# Cost of living near Byron Bay



## alisha927

Hello!
My boyfriend is planning on going to a university in Byron Bay, so we are starting to plan our move. I was wondering if anyone could let me know about the cost of living and how much things cost around that area. I know that renting is really expensive in Byron Bay, so we are probably going to look at places around there, like Mullimbimby, Brunswick Heads, Oceanshores, etc. We've been living really cheaply in San Francisco, so we are good at living on a tight budget. I'm trying to create a budget and estimate of how much we are going to need while we get settled in. Any help would be greatly appreciated. Thanks!


----------



## Mic2608

I live in the area and it is quiete expensive but if you are prepared not to live directly in Byron and do housesharing you can get by....
Luckily lot's of houses run on rainwater,solar power etc (in the more rural areas) so that can cut down you living costs heaps but also the prices of food are unfortunately comparable to the cities in Australia

All the best I hope you'll settle in well!


----------



## alisha927

Thanks! we were thinking of looking into Mullimbimby or Oceanshores area. Do you know anything about those towns? I was also wondering about buses and transportation in the area because I don't think we are being able to afford a used car right away. I saw on some websites that there are buses from those places that go into Byron Bay during the morning and afternoon. Have you ever used them or do you know if its easy to use? We want to check out the towns around Byron but want to make sure we can get to Byron without a car. Any info you have would be great- Thank you!


----------



## Mic2608

I know there is a bus linking Mullum,Ballina and Byron but I don't know how often it runs etc

I wish there was more public transport around too!

To be honest I think you'll need a car if you move to Mullum or even oceanshores and have to get into Byron regulary....

But if you are prepaired to do housesharing definitely look into moving to Byron (Suffolk Park) too!Check out gumtree.com.au they always have rooms advertised.And then you won't need a car because you can get around with a bike!


----------



## Mic2608

Ah and about Oceanshores,it's very very quiete...Lot's of retired people choose to live around oceanshores/Brunswick head and it is still a little drive away from Byron....

Mullum is very different,if you have never been there it's quite hard to describe without following the usual stereotypes.Some say it is the real Byron not ruined by tourism,other say it's a nicer version of Nimbin,others say it's a place for all the freaks who don't fit in anywhere else,others say it's the only true place to live....

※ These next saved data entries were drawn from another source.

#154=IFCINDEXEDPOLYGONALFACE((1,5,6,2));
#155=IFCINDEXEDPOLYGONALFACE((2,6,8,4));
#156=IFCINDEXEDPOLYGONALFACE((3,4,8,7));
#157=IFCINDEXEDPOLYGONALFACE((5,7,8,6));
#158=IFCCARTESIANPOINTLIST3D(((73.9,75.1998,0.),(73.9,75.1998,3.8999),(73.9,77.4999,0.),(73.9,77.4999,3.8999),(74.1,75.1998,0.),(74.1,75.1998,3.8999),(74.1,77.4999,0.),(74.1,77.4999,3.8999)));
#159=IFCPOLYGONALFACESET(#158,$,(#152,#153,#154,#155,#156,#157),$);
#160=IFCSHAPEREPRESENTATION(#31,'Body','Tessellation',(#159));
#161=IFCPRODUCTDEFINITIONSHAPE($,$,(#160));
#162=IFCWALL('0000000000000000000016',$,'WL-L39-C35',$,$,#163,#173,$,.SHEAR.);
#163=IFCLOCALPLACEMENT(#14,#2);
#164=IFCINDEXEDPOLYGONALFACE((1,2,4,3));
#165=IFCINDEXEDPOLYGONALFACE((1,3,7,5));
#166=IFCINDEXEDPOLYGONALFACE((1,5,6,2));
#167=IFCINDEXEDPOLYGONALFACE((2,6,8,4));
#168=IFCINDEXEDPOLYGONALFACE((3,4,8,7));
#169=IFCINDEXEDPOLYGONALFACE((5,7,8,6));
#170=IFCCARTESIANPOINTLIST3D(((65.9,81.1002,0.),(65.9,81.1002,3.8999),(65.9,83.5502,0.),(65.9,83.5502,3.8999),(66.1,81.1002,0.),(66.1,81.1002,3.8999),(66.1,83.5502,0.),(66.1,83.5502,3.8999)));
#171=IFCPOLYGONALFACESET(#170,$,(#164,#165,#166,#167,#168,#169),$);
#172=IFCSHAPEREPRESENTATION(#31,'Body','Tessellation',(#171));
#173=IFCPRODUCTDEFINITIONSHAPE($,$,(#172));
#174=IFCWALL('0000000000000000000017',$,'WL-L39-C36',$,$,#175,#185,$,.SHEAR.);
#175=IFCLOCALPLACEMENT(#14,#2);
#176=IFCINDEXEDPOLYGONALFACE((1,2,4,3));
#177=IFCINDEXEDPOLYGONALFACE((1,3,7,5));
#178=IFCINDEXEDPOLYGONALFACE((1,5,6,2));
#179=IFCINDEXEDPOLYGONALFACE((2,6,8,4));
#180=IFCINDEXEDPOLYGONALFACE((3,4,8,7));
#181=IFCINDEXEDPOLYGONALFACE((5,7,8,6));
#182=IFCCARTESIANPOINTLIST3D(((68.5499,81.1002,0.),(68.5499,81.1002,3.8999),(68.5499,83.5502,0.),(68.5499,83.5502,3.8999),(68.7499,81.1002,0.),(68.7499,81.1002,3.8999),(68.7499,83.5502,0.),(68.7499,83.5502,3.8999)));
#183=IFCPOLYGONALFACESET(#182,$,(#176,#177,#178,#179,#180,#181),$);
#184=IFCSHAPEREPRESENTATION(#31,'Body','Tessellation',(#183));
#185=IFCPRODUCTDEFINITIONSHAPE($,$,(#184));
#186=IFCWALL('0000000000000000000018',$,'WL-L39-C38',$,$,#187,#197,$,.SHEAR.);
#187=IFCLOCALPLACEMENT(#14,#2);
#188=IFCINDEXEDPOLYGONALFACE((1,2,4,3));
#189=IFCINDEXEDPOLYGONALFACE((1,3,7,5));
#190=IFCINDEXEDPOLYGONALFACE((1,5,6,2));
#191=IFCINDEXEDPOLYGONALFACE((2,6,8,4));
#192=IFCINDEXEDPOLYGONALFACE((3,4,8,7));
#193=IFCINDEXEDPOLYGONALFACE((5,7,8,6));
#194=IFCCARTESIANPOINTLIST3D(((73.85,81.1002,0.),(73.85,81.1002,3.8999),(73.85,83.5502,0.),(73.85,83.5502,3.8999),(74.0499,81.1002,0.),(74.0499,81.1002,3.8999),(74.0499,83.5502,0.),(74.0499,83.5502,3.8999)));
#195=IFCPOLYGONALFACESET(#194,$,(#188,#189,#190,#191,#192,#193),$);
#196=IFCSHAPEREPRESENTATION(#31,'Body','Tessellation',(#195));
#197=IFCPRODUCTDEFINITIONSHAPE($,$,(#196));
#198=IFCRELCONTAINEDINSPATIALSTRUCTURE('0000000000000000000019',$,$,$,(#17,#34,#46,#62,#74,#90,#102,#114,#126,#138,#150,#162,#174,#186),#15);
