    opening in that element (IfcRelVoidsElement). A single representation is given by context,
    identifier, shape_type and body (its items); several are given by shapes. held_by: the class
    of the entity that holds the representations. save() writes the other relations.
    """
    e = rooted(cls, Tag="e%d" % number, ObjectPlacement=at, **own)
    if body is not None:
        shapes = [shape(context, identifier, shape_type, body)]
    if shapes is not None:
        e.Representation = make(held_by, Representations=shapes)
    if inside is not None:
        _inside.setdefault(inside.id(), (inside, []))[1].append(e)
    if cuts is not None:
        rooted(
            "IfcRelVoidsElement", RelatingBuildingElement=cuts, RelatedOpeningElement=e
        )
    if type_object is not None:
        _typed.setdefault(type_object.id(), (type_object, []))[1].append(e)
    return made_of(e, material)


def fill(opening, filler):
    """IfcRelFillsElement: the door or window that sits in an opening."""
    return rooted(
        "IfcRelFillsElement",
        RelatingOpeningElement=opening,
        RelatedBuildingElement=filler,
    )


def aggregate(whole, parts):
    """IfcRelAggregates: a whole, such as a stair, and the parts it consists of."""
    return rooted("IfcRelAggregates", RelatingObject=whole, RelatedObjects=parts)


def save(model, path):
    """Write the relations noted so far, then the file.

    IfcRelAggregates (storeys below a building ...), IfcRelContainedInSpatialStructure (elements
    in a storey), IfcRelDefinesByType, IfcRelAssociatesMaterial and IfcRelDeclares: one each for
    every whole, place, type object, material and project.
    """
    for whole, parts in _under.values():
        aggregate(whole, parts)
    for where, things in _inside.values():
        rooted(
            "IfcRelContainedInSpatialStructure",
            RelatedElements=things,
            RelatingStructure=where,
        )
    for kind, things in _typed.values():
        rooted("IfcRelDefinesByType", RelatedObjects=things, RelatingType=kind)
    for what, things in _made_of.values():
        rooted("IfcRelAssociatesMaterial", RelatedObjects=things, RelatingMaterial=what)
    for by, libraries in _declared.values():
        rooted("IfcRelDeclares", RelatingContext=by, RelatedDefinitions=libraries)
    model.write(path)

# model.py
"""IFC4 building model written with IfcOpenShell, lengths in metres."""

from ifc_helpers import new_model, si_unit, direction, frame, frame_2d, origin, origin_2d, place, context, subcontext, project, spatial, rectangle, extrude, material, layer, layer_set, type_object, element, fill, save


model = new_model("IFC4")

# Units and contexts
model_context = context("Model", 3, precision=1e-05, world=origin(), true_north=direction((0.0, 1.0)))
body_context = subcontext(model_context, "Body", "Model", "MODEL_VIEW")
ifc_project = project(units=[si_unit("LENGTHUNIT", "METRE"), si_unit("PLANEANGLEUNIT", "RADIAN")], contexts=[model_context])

I don't know what you exact plans are for moving to this area but have a look around before you rent anywhere...

If you're lucky you'll find something around Byron close to the beach,Lennox is quite expensive to and about 20min drive from Byron.Ballina is the cheapest place in the area to live,not particular nice and about 35 min drive to Byron and then you have the beautiful hinterland.That means definetely no public transport but you could find a cheap stunning beautiful place around 20-30 min drive from Byron too!
Or of cause north of Byron where you have been looking into moving...

Sorry not sure if I'm being much help here but please feel free to ask me if you think there is anything i can help you with


----------



## Wanderer

You'll certainly want a vehicle though you can then get fuel costs adding up so if you can find something cheaper closer to BB, then you could probably pick up a couple of cheap bicycles, only about $100 for new ones in places like Kmart.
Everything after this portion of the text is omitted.